The new coronavirus has killed or sickened thousands of New Yorkers and people of color are the most vulnerable victims in its path.

Newly released data by the city shows Hispanic New Yorkers are facing the highest rates of mortality as a result of COVID-19.

Thirty-four percent of fatalities so far are of Hispanics, followed by 28 percent of black New Yorkers. The per-capita death rate is double that of white New Yorkers.

  • Hispanic: 34% (29% of population)
  • Black: 28% (22% of population)
  • White: 27% (32% of population)
  • Asian 7% (14% of population)

Mayor Bill de Blasio said the disparities track with the same inequities seen throughout the health system as a whole.

“The disparities that plague this city, this nation, that are all about fundamental inequality are once again causing such pain and causing innocent people to lose their lives. That is abundantly clear. It’s sick, it’s troubling, it’s wrong,” de Blasio said.

Faced with higher rates of diabetes, heart disease, and asthma, poor New Yorkers of color are now falling victim to the virus at a higher rate.

Socioeconomics is also making a difference. A disease that can only be prevented by distancing and avoiding contamination is killing those who live in close quarters and families in crowded apartments -- not just the old and infirm.

The data also illustrates another harsh reality: many of those same New Yorkers are still going to work. They are in the service industry, the public workers, the staff keeping supermarkets stocked, and they’re delivering your food.

Now, there are questions about whether the city has done enough to prevent the current outcome.
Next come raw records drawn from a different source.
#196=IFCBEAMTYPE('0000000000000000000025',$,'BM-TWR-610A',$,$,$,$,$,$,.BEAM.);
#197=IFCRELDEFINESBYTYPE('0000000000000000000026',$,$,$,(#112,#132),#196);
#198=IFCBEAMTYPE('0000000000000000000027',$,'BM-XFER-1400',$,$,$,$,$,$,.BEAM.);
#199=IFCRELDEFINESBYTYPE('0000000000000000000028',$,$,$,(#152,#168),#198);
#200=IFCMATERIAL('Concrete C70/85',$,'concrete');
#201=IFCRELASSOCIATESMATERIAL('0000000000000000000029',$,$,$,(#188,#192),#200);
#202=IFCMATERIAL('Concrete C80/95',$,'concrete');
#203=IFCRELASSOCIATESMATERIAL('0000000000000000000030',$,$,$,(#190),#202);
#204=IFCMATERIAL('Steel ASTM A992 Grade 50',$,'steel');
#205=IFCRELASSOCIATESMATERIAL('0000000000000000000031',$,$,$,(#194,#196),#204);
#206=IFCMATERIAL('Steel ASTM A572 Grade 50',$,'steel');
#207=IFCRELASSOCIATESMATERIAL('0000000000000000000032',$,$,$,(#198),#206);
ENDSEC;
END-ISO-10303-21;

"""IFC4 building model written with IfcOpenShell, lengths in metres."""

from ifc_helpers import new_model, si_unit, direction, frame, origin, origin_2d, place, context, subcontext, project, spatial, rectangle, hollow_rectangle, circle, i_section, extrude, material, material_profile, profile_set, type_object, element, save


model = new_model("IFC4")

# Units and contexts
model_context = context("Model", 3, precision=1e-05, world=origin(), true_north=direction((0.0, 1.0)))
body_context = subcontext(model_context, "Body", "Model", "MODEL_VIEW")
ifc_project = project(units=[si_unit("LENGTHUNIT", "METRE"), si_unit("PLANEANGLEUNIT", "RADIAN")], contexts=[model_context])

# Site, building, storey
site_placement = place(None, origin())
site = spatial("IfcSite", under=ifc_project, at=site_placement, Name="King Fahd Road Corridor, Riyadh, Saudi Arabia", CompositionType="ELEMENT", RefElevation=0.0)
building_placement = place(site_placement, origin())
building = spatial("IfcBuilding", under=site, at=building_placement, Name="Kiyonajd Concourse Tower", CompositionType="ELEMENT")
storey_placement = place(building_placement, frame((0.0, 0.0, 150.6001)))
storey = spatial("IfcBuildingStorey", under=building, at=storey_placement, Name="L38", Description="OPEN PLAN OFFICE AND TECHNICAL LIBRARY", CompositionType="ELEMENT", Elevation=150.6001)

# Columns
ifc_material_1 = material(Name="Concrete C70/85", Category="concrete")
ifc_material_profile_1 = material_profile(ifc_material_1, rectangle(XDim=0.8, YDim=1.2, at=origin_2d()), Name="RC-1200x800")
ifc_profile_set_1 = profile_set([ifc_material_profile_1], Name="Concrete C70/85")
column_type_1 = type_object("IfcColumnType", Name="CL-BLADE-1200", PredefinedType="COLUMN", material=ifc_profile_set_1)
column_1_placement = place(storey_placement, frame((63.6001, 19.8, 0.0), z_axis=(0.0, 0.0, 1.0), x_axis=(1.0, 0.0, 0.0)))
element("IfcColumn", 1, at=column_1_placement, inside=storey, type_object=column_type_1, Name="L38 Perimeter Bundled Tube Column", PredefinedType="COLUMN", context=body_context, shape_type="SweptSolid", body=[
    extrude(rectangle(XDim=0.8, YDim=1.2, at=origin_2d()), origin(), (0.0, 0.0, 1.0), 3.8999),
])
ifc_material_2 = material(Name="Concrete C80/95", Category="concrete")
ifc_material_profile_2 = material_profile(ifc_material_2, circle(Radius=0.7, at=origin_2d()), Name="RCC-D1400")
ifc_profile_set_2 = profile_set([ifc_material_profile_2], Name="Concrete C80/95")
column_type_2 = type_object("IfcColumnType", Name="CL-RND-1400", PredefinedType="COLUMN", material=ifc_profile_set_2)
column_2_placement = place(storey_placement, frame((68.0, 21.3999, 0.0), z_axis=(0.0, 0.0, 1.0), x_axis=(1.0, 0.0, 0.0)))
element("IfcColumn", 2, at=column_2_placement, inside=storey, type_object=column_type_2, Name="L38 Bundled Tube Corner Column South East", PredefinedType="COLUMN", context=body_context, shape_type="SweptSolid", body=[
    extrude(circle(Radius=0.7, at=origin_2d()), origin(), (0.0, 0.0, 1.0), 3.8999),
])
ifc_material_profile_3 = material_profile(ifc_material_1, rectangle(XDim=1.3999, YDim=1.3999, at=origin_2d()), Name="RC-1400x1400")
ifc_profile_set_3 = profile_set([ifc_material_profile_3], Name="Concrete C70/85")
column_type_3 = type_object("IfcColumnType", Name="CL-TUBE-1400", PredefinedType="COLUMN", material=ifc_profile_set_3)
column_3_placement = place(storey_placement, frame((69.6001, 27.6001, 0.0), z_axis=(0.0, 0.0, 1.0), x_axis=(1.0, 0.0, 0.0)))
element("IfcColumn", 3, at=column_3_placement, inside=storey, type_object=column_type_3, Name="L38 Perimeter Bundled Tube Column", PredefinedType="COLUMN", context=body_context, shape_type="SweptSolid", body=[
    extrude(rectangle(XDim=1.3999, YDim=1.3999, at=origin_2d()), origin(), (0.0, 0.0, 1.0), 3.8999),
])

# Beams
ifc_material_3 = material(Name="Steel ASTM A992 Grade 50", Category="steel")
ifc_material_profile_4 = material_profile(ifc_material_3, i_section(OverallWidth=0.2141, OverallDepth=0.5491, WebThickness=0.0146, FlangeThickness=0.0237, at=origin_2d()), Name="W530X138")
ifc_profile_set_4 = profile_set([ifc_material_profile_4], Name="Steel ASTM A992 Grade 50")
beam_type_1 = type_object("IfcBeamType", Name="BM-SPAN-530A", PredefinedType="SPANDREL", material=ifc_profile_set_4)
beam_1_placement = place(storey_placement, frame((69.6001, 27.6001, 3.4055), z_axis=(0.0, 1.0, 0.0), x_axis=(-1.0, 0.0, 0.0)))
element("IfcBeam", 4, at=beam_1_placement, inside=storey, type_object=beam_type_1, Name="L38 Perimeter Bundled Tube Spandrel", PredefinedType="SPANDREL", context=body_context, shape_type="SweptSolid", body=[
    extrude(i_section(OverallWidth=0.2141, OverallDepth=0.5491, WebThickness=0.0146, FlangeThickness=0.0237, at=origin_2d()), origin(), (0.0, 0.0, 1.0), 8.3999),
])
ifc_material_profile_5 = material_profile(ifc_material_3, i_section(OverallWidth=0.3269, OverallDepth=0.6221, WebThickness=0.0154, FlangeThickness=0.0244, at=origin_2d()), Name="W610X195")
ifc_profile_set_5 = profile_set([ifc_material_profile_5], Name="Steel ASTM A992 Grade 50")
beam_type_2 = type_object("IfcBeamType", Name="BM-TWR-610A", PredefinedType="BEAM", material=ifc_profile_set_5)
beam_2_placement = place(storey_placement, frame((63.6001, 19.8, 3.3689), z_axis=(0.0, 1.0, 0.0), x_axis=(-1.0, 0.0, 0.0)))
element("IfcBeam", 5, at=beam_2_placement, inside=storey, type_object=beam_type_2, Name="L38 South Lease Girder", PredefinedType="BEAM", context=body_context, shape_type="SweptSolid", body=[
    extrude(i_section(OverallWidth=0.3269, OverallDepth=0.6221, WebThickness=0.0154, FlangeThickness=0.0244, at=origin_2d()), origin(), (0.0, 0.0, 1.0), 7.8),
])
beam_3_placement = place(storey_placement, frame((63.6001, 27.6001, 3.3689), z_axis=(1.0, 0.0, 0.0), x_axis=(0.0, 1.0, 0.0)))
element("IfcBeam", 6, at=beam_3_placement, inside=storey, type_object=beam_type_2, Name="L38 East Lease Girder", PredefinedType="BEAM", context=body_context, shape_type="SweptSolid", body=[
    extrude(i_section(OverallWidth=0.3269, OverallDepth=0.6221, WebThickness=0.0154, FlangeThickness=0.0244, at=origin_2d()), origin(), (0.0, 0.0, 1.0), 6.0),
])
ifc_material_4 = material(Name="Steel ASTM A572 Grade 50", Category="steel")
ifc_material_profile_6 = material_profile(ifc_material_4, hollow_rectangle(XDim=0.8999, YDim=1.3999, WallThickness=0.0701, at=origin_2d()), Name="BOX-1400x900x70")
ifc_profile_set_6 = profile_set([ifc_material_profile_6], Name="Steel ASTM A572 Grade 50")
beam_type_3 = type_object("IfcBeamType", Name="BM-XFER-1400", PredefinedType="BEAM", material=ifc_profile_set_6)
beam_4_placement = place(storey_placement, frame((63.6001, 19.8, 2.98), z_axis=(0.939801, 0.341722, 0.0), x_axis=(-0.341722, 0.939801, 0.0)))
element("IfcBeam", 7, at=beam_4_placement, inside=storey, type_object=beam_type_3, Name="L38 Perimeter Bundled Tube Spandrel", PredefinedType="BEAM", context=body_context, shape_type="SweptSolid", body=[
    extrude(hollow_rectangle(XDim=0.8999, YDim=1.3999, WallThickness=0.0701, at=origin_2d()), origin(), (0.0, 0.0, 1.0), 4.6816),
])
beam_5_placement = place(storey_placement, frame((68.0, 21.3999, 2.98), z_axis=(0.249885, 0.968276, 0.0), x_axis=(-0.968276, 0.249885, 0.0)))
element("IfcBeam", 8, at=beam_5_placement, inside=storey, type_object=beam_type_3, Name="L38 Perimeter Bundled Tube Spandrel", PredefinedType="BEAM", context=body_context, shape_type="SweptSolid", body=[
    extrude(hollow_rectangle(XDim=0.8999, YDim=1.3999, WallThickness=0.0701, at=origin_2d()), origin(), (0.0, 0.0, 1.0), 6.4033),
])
Councilman Francisco Moya, who represents parts of Queens, including Elmhurst -- one of the hardest-hit areas of the city -- said the city could have done more to connect with those on the ground, educate them about resources, and ensure people were taking precautions.

“The first couple of days, the majority of patients coming in -- close to 90 percent -- were all Latino," Moya said. “We needed to be out there early on, talking about this to our community, giving them the message of what social distancing is all about. If you can’t stay home and you have to commute, what to do.

"I always say that if you are reacting, then you’re already too late."

Now, officials are launching a multi-million dollar effort to reach communities in their native language, increase education prevention, and connect them to a 311-like system so that people who are sick can speak to a clinician from home.

De Blasio said a perfect plan could have never been put into place.

“We have never been here before. What we do know is the kinds of outreach we used to do -- which we would have done immediately -- couldn’t be done in the first instance," he said.

The data is preliminary, and while hundreds of New Yorkers dying at home, the city’s counts remains imperfect.

But one thing is clear: while COVID-19 does not discriminate, it is exposing serious inequalities in the health care system that existed long before this pandemic.